Noncurative management of pancreatic adenocarcinoma (PA) represents a good opportunity to study clinical volume and outcomes in systemic therapy. PA is a high-fatality cancer; in 2018, it was the fourth leading cause of cancer-related death in the United States.16 Most patients present at advanced stages and require palliative-intent management focused on systemic therapy to improve symptoms and survival.17 The introduction of multiagent systemic regimens with improved efficacy but higher toxicity profiles has increased the complexity of noncurative management of PA.18,19 Balancing guidelines that recommend chemotherapy with patient factors such as age or higher comorbidity burden is thus becoming increasingly challenging.17 Finally, the long-lasting stigma of PA as a fatal cancer with few therapeutic options of limited efficacy may still lead to nihilism-driven care delivery, depending on clinical experience. Current management of PA requires more-complex treatment planning and management of toxicities, and familiarity with a high-fatality cancer. All of these considerations may benefit from high-volume (HV) provision of care. We conducted a population-based study to examine the relationship between provider volume and patterns of care and survival in the palliative management of PA.

Methods

Study Design

Using data linked from prospectively maintained administrative databases stored at the Institute for Clinical Evaluative Sciences (ICES) in Ontario, Canada, we conducted a population-based cohort study. Under the Canada Health Act, the Ontario population benefits from universally accessible and publicly funded healthcare through the Ontario Health Insurance Plan (OHIP).20 This study was approved by the Sunnybrook Health Sciences Centre Research Ethics Board and met the data confidentiality and privacy guidelines of ICES.

Data Sources

This study used several linked administrative datasets. The Ontario Cancer Registry includes all patients with a cancer diagnosis in Ontario since 196421; the reliability of the data has previously been reported.2123 The Registered Persons Database (RPDB) contains vital status and demographic data.22 Information regarding health services is included in the Canadian Institute for Health Information (CIHI) Discharge Abstract Database for acute inpatient hospitalizations; the National Ambulatory Care Reporting System for same-day surgery admissions, emergency department visits, and oncology clinic visits; and the OHIP claims database for billing from healthcare providers.24 The Cancer Activity Level Reporting dataset includes chemotherapeutics and medications administered to patients with cancer. These databases have been validated for a variety of diagnoses and services.24 The datasets were linked using unique encoded identifiers.

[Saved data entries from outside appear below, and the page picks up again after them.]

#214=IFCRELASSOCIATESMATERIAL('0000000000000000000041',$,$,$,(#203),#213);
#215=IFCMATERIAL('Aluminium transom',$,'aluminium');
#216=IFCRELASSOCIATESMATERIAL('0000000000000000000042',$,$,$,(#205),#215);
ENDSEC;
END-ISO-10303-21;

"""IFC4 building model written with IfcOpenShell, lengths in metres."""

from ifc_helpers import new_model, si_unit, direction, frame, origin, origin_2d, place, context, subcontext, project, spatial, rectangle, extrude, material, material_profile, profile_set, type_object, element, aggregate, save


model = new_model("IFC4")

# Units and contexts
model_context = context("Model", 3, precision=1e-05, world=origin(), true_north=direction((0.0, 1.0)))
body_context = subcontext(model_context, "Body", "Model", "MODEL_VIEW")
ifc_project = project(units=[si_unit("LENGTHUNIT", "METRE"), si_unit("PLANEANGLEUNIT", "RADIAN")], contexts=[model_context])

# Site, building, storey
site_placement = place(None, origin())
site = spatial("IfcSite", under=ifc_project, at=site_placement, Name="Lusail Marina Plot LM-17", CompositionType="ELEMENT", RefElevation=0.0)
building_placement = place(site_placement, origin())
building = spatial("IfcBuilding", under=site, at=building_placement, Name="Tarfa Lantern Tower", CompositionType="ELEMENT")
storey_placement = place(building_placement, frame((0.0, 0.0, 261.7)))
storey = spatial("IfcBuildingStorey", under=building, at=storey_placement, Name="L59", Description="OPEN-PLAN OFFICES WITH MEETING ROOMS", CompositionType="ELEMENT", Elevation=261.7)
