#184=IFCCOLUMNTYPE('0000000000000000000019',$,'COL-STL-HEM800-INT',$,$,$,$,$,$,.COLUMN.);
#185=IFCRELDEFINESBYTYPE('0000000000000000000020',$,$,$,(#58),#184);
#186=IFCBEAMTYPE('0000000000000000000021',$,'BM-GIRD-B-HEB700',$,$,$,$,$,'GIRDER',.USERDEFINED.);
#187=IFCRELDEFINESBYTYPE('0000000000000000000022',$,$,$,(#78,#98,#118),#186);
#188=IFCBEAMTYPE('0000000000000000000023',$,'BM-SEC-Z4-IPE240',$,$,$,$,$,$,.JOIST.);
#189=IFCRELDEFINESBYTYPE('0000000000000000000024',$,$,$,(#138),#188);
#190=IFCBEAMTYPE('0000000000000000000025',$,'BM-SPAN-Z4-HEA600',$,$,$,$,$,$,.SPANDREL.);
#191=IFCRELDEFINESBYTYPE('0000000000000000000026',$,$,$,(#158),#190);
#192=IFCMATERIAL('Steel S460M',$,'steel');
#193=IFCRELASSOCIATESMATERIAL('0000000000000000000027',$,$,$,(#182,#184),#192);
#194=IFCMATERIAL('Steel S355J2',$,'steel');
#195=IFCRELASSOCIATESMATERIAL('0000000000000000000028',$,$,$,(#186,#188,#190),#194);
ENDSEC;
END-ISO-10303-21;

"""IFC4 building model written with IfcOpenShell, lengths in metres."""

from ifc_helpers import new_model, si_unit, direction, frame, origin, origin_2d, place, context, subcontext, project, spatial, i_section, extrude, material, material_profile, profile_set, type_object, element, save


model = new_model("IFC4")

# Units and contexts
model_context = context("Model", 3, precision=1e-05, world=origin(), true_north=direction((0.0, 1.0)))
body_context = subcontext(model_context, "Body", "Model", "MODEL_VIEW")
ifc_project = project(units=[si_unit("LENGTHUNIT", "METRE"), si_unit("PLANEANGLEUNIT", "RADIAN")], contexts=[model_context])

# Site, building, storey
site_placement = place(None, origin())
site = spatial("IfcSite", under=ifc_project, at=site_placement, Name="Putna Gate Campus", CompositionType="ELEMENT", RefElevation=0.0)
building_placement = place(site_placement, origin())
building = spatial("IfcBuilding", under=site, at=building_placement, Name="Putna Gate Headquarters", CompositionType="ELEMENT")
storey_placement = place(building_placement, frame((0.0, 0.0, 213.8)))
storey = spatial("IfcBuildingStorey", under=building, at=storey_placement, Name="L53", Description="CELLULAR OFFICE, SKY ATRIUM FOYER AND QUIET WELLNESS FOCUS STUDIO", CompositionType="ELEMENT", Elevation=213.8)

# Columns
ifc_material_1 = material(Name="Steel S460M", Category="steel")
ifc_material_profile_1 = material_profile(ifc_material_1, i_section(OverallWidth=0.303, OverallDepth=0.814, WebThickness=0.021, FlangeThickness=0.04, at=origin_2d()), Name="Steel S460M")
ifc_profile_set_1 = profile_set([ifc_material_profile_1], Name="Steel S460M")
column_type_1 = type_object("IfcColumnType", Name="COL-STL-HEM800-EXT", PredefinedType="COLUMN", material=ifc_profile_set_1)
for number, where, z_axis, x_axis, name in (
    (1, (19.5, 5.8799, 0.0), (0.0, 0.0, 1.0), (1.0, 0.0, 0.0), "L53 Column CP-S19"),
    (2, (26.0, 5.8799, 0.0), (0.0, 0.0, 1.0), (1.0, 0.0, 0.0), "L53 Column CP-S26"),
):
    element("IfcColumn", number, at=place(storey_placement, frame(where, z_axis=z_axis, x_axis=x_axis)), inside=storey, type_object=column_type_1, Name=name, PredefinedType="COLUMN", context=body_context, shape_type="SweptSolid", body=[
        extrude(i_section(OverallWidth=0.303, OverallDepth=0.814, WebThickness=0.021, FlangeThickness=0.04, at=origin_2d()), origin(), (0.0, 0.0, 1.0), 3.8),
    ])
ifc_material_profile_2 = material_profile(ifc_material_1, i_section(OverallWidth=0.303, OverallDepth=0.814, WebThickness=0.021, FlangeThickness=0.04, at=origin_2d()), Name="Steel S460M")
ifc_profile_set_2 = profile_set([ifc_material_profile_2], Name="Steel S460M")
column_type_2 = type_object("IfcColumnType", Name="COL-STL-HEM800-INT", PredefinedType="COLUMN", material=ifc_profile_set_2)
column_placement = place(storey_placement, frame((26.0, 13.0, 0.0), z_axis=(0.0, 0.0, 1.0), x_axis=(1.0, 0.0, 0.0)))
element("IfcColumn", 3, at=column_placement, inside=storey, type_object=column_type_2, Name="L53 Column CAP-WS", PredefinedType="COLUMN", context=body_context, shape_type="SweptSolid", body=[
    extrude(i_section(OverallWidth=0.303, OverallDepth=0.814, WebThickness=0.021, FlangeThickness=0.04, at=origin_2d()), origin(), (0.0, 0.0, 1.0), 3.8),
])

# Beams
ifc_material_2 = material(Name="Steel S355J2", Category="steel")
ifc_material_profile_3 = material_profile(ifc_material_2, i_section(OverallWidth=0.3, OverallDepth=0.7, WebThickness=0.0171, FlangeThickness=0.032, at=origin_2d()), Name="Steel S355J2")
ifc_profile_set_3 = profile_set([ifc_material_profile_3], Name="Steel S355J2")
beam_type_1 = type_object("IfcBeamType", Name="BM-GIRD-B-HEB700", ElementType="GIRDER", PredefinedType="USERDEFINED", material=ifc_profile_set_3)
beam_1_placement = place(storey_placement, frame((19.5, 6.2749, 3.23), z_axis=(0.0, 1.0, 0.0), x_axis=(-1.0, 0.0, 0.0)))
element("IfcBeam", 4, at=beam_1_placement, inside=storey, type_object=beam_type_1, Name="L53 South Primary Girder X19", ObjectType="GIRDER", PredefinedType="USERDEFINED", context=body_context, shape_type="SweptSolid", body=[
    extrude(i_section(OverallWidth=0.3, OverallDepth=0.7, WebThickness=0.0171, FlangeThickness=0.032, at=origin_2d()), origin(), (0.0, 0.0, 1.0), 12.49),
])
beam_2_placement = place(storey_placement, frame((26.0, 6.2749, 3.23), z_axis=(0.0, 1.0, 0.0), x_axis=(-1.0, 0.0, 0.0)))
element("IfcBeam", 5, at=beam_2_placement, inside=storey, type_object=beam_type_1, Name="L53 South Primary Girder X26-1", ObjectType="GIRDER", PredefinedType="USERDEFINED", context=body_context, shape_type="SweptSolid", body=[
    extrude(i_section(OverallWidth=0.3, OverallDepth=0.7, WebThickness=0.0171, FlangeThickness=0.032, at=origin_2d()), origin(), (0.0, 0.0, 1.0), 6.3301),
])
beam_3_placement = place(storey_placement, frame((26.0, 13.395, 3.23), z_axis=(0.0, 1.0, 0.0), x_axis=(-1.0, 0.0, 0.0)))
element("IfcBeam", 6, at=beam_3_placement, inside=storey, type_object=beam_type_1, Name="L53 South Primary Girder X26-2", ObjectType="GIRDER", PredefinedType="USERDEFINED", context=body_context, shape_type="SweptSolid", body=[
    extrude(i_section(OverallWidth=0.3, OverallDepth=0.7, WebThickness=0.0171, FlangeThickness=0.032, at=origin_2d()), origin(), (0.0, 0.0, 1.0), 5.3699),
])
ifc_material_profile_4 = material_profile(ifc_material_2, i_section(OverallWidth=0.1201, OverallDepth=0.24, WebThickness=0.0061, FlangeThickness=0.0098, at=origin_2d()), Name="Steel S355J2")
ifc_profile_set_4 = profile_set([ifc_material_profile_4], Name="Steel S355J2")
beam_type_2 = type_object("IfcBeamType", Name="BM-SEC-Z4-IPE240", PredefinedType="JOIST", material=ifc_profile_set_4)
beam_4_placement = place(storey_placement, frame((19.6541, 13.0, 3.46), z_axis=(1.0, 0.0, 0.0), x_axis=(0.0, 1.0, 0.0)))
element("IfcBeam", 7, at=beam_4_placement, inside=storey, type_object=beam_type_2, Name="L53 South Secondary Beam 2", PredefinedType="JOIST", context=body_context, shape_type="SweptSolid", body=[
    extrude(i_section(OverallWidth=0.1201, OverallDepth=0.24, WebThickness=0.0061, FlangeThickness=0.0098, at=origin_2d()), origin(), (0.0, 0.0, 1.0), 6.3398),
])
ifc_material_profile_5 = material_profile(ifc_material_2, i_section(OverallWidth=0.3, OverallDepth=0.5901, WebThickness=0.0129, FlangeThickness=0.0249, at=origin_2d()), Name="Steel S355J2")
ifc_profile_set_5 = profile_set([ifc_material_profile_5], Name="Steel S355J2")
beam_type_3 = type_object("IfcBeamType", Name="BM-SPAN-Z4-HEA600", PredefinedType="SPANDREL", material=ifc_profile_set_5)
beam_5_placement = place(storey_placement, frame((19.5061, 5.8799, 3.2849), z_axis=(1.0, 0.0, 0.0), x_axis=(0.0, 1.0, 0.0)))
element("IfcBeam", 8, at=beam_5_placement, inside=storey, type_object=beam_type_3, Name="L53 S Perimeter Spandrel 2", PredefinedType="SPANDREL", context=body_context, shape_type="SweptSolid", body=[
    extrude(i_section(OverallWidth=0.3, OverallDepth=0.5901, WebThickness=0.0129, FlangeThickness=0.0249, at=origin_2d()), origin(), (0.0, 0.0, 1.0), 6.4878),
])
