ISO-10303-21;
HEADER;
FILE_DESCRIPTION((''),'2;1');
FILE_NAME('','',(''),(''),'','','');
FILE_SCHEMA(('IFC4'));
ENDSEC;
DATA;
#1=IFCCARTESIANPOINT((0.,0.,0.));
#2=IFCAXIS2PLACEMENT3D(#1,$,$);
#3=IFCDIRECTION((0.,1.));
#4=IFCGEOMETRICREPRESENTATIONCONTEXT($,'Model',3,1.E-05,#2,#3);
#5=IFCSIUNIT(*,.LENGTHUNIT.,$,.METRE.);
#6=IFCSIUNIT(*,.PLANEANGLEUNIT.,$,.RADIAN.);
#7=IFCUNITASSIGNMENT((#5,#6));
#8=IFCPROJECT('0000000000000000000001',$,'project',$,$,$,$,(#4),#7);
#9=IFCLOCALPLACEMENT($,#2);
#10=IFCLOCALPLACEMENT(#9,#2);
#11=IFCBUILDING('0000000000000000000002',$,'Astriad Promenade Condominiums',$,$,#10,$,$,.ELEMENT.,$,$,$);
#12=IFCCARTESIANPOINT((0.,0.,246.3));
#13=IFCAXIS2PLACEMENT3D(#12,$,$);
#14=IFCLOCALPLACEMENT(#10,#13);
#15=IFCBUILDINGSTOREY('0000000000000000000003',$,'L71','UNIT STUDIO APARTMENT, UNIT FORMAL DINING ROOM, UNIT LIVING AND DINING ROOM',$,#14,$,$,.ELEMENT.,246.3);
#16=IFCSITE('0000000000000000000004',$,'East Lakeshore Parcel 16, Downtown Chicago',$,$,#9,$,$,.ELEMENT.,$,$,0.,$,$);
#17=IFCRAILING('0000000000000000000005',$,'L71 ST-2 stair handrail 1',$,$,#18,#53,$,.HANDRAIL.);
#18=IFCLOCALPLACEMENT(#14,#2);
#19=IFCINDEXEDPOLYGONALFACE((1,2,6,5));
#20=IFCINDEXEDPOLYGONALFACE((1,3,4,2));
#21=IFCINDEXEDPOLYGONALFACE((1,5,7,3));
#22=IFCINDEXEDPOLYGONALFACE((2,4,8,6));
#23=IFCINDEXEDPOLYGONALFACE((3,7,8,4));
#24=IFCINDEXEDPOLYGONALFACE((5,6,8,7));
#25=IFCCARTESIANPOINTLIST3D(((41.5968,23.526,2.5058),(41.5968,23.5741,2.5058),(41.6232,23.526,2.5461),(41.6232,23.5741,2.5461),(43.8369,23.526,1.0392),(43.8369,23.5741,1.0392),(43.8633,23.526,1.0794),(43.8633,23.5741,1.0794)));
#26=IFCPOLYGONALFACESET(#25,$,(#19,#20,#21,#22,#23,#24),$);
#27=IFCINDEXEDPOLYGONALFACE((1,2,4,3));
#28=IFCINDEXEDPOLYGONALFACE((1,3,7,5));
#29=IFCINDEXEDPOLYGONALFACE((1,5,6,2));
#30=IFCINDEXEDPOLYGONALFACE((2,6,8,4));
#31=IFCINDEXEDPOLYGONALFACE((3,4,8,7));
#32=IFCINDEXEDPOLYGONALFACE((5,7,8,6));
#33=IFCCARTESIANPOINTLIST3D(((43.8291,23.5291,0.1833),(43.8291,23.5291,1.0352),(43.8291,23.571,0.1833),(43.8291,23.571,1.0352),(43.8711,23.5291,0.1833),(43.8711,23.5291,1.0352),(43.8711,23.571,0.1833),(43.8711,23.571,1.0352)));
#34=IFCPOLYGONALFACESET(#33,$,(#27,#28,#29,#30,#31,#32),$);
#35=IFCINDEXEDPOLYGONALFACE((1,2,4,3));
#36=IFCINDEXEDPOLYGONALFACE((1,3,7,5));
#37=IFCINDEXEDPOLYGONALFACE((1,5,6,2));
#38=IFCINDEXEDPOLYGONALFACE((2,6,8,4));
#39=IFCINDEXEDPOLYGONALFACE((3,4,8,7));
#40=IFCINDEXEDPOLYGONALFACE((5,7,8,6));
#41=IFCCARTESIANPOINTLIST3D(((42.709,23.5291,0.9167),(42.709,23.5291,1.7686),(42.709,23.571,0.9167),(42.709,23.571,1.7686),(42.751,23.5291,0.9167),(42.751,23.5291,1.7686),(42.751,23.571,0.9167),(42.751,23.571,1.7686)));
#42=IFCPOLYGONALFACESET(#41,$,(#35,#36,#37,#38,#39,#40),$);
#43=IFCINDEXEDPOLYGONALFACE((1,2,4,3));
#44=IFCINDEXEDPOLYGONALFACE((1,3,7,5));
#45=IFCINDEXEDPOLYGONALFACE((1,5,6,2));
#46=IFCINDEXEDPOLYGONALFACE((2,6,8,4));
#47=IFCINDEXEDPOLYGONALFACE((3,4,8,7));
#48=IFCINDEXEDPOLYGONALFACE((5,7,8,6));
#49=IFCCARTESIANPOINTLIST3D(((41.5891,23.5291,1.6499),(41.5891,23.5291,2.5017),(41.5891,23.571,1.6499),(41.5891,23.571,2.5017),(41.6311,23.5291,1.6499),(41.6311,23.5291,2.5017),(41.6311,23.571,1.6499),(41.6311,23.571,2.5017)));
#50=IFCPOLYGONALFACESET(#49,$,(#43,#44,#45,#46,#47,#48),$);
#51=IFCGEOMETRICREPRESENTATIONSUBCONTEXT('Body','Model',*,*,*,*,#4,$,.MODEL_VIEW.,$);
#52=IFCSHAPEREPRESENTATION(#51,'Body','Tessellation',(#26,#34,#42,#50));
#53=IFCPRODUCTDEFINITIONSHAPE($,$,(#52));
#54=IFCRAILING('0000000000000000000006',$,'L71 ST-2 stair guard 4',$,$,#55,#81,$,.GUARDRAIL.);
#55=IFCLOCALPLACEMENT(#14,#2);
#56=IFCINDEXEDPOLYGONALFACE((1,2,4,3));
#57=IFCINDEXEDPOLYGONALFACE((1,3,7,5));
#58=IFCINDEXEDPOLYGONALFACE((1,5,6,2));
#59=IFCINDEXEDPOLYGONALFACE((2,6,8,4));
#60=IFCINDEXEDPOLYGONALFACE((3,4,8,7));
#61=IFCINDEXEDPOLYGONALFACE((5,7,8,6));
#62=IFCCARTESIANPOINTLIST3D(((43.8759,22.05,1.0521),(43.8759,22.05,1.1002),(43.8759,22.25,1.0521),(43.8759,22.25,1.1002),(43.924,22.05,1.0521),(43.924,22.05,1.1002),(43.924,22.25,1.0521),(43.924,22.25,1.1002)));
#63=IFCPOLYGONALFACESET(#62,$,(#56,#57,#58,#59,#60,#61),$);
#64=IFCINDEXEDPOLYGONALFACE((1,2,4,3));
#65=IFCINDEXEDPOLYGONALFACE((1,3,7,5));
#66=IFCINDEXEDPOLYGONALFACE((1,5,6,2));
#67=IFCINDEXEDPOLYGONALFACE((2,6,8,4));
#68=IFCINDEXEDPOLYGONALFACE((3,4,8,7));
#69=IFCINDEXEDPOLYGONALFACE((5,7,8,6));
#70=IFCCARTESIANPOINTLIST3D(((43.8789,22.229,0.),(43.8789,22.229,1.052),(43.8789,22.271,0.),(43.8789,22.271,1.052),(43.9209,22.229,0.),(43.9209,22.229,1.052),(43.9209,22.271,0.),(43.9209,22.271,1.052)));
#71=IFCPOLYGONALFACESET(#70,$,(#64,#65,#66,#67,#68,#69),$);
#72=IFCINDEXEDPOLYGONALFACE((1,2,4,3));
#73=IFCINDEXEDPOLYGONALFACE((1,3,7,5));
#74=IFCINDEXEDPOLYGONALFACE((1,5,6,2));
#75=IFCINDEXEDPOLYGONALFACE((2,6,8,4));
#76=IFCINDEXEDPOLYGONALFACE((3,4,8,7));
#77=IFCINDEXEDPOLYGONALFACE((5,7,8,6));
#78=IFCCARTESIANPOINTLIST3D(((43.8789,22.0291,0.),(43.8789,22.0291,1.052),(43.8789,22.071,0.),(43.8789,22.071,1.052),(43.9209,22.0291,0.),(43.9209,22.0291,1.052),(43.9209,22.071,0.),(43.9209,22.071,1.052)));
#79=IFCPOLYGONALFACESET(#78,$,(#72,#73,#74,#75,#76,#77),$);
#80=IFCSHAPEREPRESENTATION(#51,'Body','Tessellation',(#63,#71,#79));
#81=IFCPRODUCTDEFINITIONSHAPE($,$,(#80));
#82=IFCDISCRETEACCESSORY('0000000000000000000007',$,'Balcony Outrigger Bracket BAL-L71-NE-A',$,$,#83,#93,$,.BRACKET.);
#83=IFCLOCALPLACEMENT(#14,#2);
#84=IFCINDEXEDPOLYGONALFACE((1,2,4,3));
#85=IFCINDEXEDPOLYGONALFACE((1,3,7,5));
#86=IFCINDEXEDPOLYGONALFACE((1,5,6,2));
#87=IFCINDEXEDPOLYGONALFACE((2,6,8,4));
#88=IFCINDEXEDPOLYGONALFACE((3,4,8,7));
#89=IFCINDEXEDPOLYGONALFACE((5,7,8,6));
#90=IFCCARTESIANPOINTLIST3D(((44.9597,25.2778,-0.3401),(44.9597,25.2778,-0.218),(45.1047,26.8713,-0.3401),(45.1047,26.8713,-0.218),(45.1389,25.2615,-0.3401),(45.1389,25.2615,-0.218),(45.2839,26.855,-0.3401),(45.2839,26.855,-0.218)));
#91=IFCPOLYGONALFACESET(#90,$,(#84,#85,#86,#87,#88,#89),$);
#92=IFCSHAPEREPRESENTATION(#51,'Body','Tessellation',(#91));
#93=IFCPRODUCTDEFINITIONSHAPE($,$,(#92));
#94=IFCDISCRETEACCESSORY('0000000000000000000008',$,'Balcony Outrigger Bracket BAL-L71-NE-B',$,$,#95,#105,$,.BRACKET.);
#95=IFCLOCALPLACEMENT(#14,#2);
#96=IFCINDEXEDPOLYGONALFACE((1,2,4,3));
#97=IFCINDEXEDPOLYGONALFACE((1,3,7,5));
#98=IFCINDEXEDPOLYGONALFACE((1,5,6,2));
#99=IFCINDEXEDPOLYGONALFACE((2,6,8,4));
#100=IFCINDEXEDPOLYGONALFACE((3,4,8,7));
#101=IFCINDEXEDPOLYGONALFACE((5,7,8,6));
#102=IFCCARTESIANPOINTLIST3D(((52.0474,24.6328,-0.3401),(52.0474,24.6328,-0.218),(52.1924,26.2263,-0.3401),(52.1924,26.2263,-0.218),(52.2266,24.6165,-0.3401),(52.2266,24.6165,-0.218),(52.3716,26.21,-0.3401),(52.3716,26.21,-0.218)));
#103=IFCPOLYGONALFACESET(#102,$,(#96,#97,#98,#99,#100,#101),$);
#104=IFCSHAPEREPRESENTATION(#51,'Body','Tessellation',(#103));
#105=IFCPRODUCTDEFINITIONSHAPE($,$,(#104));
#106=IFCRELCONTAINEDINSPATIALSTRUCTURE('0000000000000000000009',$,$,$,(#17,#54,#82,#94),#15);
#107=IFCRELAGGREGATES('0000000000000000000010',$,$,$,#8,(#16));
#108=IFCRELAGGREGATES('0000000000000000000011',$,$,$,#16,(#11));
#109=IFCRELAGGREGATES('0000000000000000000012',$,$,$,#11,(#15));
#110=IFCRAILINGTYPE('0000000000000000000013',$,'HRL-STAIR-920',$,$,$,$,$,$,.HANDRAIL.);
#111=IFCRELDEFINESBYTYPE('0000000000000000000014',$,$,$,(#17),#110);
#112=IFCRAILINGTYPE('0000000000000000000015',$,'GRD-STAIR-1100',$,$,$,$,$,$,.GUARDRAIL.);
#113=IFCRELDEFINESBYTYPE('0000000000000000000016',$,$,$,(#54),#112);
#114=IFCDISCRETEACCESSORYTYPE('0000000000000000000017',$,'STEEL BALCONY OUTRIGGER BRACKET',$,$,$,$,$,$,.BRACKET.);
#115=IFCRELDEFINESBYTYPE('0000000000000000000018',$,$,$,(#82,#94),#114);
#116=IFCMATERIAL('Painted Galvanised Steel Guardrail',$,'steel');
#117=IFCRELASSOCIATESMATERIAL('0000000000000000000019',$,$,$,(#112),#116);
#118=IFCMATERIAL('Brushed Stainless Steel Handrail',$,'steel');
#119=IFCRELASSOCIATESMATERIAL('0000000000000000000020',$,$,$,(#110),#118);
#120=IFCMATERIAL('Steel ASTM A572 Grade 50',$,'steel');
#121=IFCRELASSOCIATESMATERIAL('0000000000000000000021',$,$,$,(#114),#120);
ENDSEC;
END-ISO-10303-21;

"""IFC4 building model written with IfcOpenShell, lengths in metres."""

from ifc_helpers import new_model, si_unit, direction, frame, origin, origin_2d, place, context, subcontext, project, spatial, rectangle, extrude, source, transform, mapped, material, type_object, type_shapes, element, save


model = new_model("IFC4")

# Units and contexts
model_context = context("Model", 3, precision=1e-05, world=origin(), true_north=direction((0.0, 1.0)))
body_context = subcontext(model_context, "Body", "Model", "MODEL_VIEW")
ifc_project = project(units=[si_unit("LENGTHUNIT", "METRE"), si_unit("PLANEANGLEUNIT", "RADIAN")], contexts=[model_context])

# Site, building, storey
site_placement = place(None, origin())
site = spatial("IfcSite", under=ifc_project, at=site_placement, Name="East Lakeshore Parcel 16, Downtown Chicago", CompositionType="ELEMENT", RefElevation=0.0)
building_placement = place(site_placement, origin())
building = spatial("IfcBuilding", under=site, at=building_placement, Name="Astriad Promenade Condominiums", CompositionType="ELEMENT")
storey_placement = place(building_placement, frame((0.0, 0.0, 246.3)))
storey = spatial("IfcBuildingStorey", under=building, at=storey_placement, Name="L71", Description="UNIT STUDIO APARTMENT, UNIT FORMAL DINING ROOM, UNIT LIVING AND DINING ROOM", CompositionType="ELEMENT", Elevation=246.3)

# Railings
ifc_material_1 = material(Name="Painted Galvanised Steel Guardrail", Category="steel")
railing_type_1 = type_object("IfcRailingType", Name="GRD-STAIR-1100", PredefinedType="GUARDRAIL", material=ifc_material_1)
ifc_material_2 = material(Name="Brushed Stainless Steel Handrail", Category="steel")
railing_type_2 = type_object("IfcRailingType", Name="HRL-STAIR-920", PredefinedType="HANDRAIL", material=ifc_material_2)
shared_shape_1 = source(origin(), body_context, "Body", "SweptSolid", [
    extrude(rectangle(XDim=0.0481, YDim=0.0481, at=origin_2d()), frame((0.0, 0.0, 0.876), z_axis=(-0.836637, 0.0, 0.547758), x_axis=(0.0, -1.0, 0.0)), (0.0, 0.0, 1.0), 2.6775),
    extrude(rectangle(XDim=0.042, YDim=0.042, at=origin_2d()), origin(), (0.0, 0.0, 1.0), 0.8518),
    extrude(rectangle(XDim=0.042, YDim=0.042, at=origin_2d()), frame((-1.1201, 0.0, 0.7334)), (0.0, 0.0, 1.0), 0.8518),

Study Population and Cohort

This study was conducted in all patients with a valid OHIP number diagnosed from 2005 to 2016. Patients with a new diagnosis of PA were identified in the Ontario Cancer Registry using ICD-O-3 codes, and we retained only patients who did not undergo curative-intent pancreatectomy (supplemental eTable 1, available with this article at JNCCN.org). Patients were excluded if they died before or on the date of diagnosis, had another cancer diagnosis before or after PA diagnosis, or were aged ≤18 or ≥99 years at diagnosis. Finally, patients were included if they were seen by a medical oncologist between diagnosis and end of follow-up (death, last clinical encounter, or end of study as of March 31, 2017), defined using OHIP claims as ≥1 encounters with a medical oncologist. Any physician who submitted billing claims for chemotherapy administration codes (G281, G339, G345, G359, G381) during the study period was classified as a medical oncologist.23

Exposure

The main exposure of interest was the provider volume of each medical oncologist seeing patients in the cohort. Provider volume was the number of new noncurative PA consultations seen per year per provider over the study period. Each patient was assigned to one provider; if a patient saw more than one provider, the provider seen most often was assigned. Patients were divided into quintiles based on the provider volume of their medical oncologist in order to evaluate variability in outcomes across a continuum of provider volume; HV providers were assigned to the fifth quintile (highest), and low-volume (LV) providers were assigned to the first to fourth quintiles.

Covariates

Age and sex were abstracted from the RPDB. Rural living was determined by the postal code of residence.25 Income quintile was based on the median income of a patient’s postal code of residence using national census data.24,26 The comorbidity burden was measured using the Johns Hopkins Adjusted Clinical Group system score. The 32 aggregated diagnosis groups were summed to create a total score, then dichotomized with a cutoff of 10 for high comorbidity burden, consistent with previous reports.27,28 Time period of diagnosis used year of diagnosis, categorized as 2005 through 2010 and 2011 through 2016, to account for temporal changes in management after outcomes of treatment with FOLFIRINOX (leucovorin/fluorouracil/irinotecan/oxaliplatin) and nab-paclitaxel chemotherapy regimens.18,19

Outcome Measures

Receipt of chemotherapy was determined by identifying patients for whom at least 2 chemotherapy infusions were billed from the date of diagnosis to end of follow-up.2931 Overall survival (OS) was measured from date of diagnosis to date of death according to the RPDB. The end of follow-up was defined as the date of death, date of last contact, or March 31, 2017, offering an opportunity for a minimum of 12 months of follow-up for all patients.

Statistical Analysis

Descriptive analyses were used to define baseline characteristics and outcomes. Categorical variables were reported as absolute number and percent, and continuous variables were reported as mean with SD or median with interquartile range (IQR). Comparison testing was undertaken using the chi-square test for categorical variables and the Kruskal-Wallis or t test for continuous variables. Kaplan-Meier methods were used for OS analysis,32 and OS curves were compared between provider volume groups using the log-rank test.

The median proportion of patients receiving chemotherapy and median OS were evaluated across provider volume quintiles to appreciate variability. The Brown-Forsythe-Levene (BFL) test was used to assess for equality of variance across quintile groups to determine whether more variation existed than would be expected by chance alone.33 Variance was examined to appreciate variation based on provider volume.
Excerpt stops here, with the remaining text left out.